The discovery of penicillin in 1928 is one of medical science’s most remarkable stories: a laboratory “accident”—mold growing on a petri dish—led to the wonder drug of the 20th century and to a class of medicines that have saved millions of lives worldwide. Almost eight decades later, a modern-day derivative of penicillin, ceftriaxone, is being harnessed for a completely new and unanticipated use: a possible treatment for amyotrophic lateral sclerosis (ALS), the fatal neurodegenerative disease that afflicted Lou Gehrig.
This time, the finding was no accident. It came as a result of a systematic, federally funded analysis of 1,040 Food and Drug Administration approved medications. The unprecedented effort, which began in 2002 and involves 26 research laboratories nationwide, was designed to uncover just such novel uses for drugs already proved safe. Ceftriaxone is the first prominent success of the drug-screening initiative, having been identified by several different laboratories for actions against specific molecular targets believed to be involved in ALS and other neurodegenerative diseases.
“That was exactly the hope, that we would find these unknown mechanisms that no one else would be focused on.”
Follow-up experiments in a mouse model of ALS showed that the drug slowed the loss of motor neurons and muscle strength, and modestly lengthened survival. A clinical trial in people with ALS is slated to begin in July, with funding provided by the National Institute of Neurological Disorders and Stroke (NINDS).
In the drug-development world, that time frame—just three years from the earliest positive laboratory results to human testing—is “blazingly fast” compared with the usual seven to ten years, says Don Cleveland, an expert in neurodegeneration at the University of California at San Diego, who wrote a commentary on the results in the January 21 Science magazine.
No one knows if ceftriaxone, which belongs to a family of antibiotics known as beta lactams, will truly prove to be an effective treatment for ALS; many drugs that show promise in preclinical studies fail in human trials. But the finding has been met with enthusiasm within the ALS patient community and among scientists, even self-proclaimed skeptics of the screening approach such as Cleveland, who initially questioned the worthiness of searching for new mechanisms of action in existing drugs.
“The enthusiasm comes from the fact that this effort has enabled a scientifically well-documented compound to come to clinical trial in an amazingly short time, coupled with the scientific discovery of a completely unexpected use for a tried-and-true, proven-safe drug,” Cleveland says.
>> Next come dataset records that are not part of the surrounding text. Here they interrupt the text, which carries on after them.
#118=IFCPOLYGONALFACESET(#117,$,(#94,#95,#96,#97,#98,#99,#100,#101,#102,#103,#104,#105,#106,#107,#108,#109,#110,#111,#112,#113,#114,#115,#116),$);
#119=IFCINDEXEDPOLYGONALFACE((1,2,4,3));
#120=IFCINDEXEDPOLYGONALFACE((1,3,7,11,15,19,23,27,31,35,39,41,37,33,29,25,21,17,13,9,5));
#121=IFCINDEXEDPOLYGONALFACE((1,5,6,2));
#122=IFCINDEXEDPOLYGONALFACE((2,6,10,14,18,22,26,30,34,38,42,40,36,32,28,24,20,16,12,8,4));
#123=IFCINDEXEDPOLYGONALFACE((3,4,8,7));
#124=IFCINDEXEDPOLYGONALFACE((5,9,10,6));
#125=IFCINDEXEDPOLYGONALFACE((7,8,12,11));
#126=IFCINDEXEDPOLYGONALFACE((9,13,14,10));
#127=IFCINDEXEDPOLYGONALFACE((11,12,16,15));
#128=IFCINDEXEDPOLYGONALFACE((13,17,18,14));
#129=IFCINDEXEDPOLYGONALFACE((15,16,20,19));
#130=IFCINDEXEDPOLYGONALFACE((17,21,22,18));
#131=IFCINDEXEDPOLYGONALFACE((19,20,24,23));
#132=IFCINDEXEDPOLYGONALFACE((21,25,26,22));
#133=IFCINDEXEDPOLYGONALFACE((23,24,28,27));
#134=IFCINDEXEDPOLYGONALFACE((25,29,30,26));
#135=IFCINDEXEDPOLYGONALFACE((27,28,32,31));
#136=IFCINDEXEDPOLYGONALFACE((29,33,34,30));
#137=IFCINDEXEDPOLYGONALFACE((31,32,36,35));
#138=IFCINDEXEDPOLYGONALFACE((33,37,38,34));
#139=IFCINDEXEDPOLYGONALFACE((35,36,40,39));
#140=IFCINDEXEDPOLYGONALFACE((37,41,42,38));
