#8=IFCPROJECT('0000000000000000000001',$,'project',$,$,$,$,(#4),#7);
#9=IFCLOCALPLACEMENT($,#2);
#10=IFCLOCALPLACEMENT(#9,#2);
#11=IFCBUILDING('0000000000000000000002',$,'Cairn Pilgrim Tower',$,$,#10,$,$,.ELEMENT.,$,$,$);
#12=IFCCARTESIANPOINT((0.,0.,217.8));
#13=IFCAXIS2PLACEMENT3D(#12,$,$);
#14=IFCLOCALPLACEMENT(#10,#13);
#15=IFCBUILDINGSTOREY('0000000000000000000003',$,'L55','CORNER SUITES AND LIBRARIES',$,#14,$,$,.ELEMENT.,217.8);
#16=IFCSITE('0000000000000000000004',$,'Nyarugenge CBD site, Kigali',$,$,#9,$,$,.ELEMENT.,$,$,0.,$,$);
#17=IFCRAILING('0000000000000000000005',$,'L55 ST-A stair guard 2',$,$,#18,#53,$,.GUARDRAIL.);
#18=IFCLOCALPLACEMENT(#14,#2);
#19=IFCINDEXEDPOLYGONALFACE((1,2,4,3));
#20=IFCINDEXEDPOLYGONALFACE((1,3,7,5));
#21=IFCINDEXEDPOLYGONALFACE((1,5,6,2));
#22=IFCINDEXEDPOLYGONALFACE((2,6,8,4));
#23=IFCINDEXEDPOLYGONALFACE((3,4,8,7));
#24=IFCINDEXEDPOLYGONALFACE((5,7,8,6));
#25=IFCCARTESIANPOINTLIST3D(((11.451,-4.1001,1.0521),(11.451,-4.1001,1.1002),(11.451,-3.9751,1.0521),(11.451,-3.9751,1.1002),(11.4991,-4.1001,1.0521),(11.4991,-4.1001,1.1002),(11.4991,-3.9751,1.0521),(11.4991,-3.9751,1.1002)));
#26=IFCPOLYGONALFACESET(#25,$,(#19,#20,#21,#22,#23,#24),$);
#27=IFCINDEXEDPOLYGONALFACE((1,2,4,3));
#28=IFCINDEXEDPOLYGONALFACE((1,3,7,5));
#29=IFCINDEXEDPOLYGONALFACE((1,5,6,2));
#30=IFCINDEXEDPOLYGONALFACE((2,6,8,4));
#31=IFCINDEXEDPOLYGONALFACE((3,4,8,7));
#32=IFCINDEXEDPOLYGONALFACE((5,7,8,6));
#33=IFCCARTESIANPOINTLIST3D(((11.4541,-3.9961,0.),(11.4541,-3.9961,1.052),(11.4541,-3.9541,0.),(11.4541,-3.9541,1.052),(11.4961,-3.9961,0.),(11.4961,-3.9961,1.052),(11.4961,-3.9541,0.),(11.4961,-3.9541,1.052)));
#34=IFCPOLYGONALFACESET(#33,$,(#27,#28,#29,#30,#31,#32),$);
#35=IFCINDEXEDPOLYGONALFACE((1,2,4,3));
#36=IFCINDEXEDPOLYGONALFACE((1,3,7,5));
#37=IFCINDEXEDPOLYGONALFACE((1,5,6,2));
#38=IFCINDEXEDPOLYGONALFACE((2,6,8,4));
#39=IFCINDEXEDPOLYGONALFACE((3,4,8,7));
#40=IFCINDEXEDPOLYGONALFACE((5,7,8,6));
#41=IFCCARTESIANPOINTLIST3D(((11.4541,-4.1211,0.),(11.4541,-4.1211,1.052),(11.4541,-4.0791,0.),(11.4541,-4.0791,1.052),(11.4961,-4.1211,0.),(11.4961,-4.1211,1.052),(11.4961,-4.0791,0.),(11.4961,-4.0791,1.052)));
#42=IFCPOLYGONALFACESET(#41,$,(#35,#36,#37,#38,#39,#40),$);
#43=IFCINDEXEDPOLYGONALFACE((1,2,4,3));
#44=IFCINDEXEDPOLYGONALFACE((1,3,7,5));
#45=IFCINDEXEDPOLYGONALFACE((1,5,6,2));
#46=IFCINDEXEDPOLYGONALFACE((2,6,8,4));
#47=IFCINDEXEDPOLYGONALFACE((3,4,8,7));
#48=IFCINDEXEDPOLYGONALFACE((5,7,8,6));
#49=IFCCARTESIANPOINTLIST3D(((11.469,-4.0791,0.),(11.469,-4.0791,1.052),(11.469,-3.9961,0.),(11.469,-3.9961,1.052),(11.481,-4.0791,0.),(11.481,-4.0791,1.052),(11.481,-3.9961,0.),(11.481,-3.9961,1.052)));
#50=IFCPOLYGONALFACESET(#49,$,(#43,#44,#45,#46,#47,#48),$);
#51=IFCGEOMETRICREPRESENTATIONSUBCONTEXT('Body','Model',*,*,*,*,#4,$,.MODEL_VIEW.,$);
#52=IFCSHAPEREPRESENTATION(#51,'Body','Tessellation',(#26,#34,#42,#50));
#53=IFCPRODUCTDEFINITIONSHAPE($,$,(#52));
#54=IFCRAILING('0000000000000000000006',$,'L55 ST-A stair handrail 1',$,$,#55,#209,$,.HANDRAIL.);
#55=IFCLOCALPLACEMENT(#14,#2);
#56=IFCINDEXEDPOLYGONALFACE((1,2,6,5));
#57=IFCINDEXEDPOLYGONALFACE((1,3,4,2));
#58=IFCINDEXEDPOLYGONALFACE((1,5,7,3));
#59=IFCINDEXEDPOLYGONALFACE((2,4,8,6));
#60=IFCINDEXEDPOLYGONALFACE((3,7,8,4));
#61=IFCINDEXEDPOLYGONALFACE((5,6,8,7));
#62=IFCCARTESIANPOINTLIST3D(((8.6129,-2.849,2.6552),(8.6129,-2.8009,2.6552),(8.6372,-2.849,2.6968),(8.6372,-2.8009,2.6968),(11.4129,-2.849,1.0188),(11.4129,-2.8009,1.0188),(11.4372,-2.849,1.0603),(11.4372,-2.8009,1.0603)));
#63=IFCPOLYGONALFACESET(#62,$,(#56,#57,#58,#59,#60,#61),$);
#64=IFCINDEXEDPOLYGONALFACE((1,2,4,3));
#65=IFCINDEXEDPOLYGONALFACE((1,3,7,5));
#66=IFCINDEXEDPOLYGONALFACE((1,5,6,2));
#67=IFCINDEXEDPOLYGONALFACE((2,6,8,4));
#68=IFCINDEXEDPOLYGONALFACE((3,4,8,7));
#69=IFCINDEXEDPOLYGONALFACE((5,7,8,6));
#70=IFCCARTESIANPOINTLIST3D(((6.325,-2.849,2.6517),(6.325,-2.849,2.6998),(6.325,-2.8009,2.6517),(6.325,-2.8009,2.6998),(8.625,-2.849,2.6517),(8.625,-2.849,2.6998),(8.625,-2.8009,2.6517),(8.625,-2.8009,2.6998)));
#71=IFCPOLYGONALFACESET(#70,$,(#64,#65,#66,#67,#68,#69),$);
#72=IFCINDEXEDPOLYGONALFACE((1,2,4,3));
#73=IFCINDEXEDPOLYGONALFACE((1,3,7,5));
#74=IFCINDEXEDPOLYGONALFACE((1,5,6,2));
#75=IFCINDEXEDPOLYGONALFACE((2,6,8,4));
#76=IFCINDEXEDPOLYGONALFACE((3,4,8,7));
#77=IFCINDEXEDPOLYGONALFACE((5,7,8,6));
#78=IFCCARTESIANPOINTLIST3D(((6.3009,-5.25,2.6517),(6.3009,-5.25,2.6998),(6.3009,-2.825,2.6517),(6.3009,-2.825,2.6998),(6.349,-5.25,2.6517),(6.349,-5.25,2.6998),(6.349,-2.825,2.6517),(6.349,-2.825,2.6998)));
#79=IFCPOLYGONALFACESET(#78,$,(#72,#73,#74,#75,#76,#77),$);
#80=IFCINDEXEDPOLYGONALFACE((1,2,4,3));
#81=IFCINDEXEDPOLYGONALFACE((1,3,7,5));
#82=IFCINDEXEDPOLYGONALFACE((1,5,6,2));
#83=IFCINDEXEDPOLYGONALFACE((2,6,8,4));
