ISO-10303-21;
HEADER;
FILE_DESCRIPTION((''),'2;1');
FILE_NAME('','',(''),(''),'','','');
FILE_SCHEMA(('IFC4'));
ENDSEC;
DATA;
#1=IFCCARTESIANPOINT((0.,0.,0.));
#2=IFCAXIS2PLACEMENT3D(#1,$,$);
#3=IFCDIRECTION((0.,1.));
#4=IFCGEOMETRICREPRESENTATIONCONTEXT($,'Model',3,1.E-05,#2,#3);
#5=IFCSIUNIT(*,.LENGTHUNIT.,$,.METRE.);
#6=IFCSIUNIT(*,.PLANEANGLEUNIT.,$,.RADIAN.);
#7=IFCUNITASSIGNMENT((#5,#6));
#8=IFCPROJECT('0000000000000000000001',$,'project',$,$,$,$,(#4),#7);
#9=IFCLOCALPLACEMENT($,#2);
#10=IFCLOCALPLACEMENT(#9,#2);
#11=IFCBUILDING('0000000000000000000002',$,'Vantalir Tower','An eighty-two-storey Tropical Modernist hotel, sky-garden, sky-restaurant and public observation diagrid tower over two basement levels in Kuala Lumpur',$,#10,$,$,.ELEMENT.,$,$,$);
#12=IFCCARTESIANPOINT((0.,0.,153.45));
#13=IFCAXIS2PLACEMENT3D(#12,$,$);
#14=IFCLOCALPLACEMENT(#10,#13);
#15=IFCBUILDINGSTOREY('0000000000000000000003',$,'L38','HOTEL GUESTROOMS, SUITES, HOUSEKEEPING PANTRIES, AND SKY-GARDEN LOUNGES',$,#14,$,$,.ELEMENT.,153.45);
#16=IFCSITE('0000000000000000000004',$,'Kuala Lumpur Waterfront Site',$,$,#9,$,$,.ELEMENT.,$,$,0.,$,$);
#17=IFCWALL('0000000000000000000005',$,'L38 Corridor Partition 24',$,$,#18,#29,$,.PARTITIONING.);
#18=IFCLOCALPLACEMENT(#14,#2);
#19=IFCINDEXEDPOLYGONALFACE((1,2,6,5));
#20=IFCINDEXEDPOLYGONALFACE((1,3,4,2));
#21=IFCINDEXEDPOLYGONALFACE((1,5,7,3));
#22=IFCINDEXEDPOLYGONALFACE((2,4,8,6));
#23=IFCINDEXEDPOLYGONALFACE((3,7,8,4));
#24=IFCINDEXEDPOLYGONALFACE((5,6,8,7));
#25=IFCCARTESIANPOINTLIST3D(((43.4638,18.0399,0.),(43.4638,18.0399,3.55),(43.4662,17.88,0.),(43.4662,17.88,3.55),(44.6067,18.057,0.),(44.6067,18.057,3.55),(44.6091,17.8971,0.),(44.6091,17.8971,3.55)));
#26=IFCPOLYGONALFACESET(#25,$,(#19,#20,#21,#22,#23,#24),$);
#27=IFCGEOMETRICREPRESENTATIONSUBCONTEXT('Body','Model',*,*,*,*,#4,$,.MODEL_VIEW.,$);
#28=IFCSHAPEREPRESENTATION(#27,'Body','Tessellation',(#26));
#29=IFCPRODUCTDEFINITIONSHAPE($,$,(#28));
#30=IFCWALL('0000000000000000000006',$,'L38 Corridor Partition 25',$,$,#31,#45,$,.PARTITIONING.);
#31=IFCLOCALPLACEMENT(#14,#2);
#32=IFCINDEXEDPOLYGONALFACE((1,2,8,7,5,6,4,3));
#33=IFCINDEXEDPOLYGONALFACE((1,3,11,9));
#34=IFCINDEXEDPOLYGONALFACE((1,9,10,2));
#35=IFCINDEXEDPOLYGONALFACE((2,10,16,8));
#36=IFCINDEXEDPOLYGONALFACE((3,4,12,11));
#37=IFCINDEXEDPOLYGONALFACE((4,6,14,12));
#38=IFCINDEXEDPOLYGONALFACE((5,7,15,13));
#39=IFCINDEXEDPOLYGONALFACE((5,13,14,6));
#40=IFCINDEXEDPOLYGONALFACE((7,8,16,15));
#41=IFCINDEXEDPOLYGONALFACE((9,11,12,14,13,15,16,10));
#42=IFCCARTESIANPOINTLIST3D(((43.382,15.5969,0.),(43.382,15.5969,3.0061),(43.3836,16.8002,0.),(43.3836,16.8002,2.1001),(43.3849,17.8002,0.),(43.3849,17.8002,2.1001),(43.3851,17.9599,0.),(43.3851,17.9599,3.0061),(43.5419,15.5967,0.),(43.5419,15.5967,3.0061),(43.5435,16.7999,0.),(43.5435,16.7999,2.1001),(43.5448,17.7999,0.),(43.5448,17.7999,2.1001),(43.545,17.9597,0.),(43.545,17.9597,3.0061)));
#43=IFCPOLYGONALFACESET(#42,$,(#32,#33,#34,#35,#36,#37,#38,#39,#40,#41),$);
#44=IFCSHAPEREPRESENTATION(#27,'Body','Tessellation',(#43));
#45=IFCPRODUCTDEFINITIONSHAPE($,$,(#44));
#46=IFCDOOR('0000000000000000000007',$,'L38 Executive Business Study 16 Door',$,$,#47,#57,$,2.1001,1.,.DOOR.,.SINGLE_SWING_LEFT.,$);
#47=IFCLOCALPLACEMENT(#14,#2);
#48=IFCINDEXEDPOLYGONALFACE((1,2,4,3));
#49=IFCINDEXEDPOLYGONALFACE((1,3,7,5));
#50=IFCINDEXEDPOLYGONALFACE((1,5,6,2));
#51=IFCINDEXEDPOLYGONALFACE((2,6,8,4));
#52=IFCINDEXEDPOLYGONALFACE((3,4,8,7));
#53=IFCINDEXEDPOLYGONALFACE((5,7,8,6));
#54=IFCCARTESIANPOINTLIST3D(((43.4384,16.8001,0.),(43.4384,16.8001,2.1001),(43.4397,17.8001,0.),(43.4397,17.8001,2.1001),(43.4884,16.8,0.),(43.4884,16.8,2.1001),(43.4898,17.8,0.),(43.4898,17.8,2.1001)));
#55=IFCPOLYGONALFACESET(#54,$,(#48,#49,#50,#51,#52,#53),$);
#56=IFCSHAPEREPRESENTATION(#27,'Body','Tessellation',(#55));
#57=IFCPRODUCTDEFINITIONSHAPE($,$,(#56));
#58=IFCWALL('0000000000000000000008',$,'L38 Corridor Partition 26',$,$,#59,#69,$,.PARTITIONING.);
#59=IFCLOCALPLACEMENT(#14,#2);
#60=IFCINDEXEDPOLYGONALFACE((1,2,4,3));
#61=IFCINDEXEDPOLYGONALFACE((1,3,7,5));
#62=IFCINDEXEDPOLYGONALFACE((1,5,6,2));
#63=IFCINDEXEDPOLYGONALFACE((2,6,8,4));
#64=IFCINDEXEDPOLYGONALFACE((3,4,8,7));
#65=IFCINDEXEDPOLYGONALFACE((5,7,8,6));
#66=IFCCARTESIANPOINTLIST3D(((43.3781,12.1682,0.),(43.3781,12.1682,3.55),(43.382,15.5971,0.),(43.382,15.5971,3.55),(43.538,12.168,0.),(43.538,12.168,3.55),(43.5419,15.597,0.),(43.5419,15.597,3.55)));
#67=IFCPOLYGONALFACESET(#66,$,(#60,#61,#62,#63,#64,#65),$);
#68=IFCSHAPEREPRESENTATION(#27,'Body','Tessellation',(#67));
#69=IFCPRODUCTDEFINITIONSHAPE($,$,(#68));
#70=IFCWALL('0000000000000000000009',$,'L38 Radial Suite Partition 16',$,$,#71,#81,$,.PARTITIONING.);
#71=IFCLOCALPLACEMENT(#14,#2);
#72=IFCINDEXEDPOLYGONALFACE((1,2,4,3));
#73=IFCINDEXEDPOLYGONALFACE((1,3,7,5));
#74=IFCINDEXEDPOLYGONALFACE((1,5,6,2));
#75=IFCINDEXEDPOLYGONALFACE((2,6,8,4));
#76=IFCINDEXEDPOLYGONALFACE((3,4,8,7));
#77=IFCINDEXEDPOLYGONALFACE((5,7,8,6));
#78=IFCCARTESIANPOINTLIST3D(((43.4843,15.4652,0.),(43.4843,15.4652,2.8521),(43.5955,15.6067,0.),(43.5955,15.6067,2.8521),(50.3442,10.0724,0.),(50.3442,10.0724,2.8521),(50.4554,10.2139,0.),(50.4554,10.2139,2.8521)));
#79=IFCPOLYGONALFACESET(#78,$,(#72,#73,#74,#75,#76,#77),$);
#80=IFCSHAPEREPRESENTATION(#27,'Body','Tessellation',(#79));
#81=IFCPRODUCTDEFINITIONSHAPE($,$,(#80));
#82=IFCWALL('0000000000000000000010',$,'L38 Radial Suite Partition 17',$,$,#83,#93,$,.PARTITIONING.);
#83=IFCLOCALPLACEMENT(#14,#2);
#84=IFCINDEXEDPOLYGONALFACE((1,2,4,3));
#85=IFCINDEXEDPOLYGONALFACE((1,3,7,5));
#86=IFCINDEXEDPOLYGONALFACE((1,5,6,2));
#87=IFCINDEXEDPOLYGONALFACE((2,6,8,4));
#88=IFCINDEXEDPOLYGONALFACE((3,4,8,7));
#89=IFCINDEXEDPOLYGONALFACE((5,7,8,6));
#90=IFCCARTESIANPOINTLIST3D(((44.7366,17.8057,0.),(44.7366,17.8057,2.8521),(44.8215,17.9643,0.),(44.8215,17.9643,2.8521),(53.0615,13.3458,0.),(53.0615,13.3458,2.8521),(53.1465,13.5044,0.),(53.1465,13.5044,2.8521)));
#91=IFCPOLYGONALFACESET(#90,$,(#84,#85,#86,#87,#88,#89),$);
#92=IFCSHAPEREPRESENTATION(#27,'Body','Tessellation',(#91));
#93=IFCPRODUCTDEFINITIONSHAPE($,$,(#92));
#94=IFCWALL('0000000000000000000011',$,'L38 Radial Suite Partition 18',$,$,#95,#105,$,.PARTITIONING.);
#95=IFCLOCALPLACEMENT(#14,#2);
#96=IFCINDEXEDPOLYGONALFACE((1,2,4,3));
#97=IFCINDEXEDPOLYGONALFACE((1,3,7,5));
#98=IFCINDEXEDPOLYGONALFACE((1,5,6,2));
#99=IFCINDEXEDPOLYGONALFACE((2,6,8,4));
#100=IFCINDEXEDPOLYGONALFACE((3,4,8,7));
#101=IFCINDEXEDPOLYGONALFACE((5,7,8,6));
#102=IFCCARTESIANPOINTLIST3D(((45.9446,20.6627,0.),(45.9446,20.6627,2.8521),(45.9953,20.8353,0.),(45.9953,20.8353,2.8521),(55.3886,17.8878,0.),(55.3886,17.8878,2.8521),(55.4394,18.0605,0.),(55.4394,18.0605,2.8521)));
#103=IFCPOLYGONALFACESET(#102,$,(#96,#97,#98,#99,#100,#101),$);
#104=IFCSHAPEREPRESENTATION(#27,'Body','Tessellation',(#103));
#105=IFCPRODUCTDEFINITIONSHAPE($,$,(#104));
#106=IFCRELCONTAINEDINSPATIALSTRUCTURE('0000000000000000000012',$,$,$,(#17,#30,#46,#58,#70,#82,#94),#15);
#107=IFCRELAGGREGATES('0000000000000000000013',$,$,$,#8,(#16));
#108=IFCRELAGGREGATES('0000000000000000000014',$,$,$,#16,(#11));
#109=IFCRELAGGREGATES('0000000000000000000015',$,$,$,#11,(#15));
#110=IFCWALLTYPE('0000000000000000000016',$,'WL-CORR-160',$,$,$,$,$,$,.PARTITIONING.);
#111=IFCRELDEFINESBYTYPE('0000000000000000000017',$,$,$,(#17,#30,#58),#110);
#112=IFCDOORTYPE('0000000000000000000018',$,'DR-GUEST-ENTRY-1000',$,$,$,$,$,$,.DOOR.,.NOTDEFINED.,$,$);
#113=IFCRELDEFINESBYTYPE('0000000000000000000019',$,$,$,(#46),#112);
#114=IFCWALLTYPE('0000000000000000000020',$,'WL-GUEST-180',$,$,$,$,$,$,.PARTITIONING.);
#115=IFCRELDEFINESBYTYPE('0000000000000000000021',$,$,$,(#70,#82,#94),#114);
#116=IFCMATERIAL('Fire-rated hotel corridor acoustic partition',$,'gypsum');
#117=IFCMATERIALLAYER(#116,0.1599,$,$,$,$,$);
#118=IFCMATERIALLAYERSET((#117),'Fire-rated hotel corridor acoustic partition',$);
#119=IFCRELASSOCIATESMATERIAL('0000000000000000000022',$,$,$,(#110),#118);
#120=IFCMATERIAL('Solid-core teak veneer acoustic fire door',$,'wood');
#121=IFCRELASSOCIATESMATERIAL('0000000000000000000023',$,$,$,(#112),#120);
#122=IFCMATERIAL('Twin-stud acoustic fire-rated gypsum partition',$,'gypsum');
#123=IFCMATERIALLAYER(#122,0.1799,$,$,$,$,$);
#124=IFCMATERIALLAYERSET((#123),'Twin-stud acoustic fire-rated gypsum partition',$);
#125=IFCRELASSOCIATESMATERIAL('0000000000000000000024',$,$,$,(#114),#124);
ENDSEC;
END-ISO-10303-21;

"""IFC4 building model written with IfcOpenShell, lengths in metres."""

from ifc_helpers import new_model, si_unit, direction, frame, frame_2d, origin, place, context, subcontext, project, spatial, rectangle, extrude, material, layer, layer_set, type_object, element, fill, save


model = new_model("IFC4")

# Units and contexts
model_context = context("Model", 3, precision=1e-05, world=origin(), true_north=direction((0.0, 1.0)))
body_context = subcontext(model_context, "Body", "Model", "MODEL_VIEW")
ifc_project = project(units=[si_unit("LENGTHUNIT", "METRE"), si_unit("PLANEANGLEUNIT", "RADIAN")], contexts=[model_context])

# Site, building, storey
site_placement = place(None, origin())
site = spatial("IfcSite", under=ifc_project, at=site_placement, Name="Kuala Lumpur Waterfront Site", CompositionType="ELEMENT", RefElevation=0.0)
building_placement = place(site_placement, origin())
building = spatial("IfcBuilding", under=site, at=building_placement, Name="Vantalir Tower", Description="An eighty-two-storey Tropical Modernist hotel, sky-garden, sky-restaurant and public observation diagrid tower over two basement levels in Kuala Lumpur", CompositionType="ELEMENT")
storey_placement = place(building_placement, frame((0.0, 0.0, 153.45)))
storey = spatial("IfcBuildingStorey", under=building, at=storey_placement, Name="L38", Description="HOTEL GUESTROOMS, SUITES, HOUSEKEEPING PANTRIES, AND SKY-GARDEN LOUNGES", CompositionType="ELEMENT", Elevation=153.45)

# Shared definitions
ifc_material_1 = material(Name="Fire-rated hotel corridor acoustic partition", Category="gypsum")
ifc_layer_1 = layer(ifc_material_1, 0.1599)
ifc_layer_set_1 = layer_set([ifc_layer_1], Name="Fire-rated hotel corridor acoustic partition")
wall_type_1 = type_object("IfcWallType", Name="WL-CORR-160", PredefinedType="PARTITIONING", material=ifc_layer_set_1)
ifc_material_2 = material(Name="Solid-core teak veneer acoustic fire door", Category="wood")
door_type_1 = type_object("IfcDoorType", Name="DR-GUEST-ENTRY-1000", OperationType="NOTDEFINED", PredefinedType="DOOR", material=ifc_material_2)

# Wall
wall_1_placement = place(storey_placement, frame((44.6079, 17.9771, 0.0), z_axis=(0.0, 0.0, 1.0), x_axis=(-0.999888, -0.014952, 0.0)))
element("IfcWall", 1, at=wall_1_placement, inside=storey, type_object=wall_type_1, Name="L38 Corridor Partition 24", PredefinedType="PARTITIONING", context=body_context, shape_type="SweptSolid", body=[
    extrude(rectangle(XDim=1.1431, YDim=0.1599, at=frame_2d((0.5715, 0.0))), origin(), (0.0, 0.0, 1.0), 3.55),
])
Such progress is especially important for diseases such as ALS, for which there are no effective treatments, Cleveland says. Moreover, in ALS as in other relatively uncommon diseases such as Huntington’s disease or spinocerebellar ataxia, pharmaceutical companies have been largely unwilling to invest the millions of dollars necessary to develop drugs marketable only to comparably small groups of patients.
“The concept that drugs have many mechanisms that they work on is not surprising, but the outcome of beta lactams was extremely unexpected,” says Lucie Bruijn, science director for the ALS Association, one of the non profit organizations that partnered with the NINDS to underwrite the screening effort. “And that was exactly the hope, that we would find these unknown mechanisms that no one else would be focused on.”
In the case of ceftriaxone and its cousins in the beta lactam family, the “unknown mechanism” that was discovered is its ability to increase brain levels of a protein known as a glutamate transporter, which essentially acts as a vacuum cleaner to suck up excess glutamate from the spaces between nerve cells. Glutamate is the most prominent “excitatory” neurotransmitter in the brain, activating neighboring nerve cells to relay nerve signals. Too much glutamate is known to be toxic to nerve cells and has been linked to a wide range of neurological disorders, among them ALS, stroke, Huntington’s disease, epilepsy, multiple sclerosis, and brain tumors. Glutamate also plays important roles in normal memory and learning processes, making it an attractive target for pharmaceutical development.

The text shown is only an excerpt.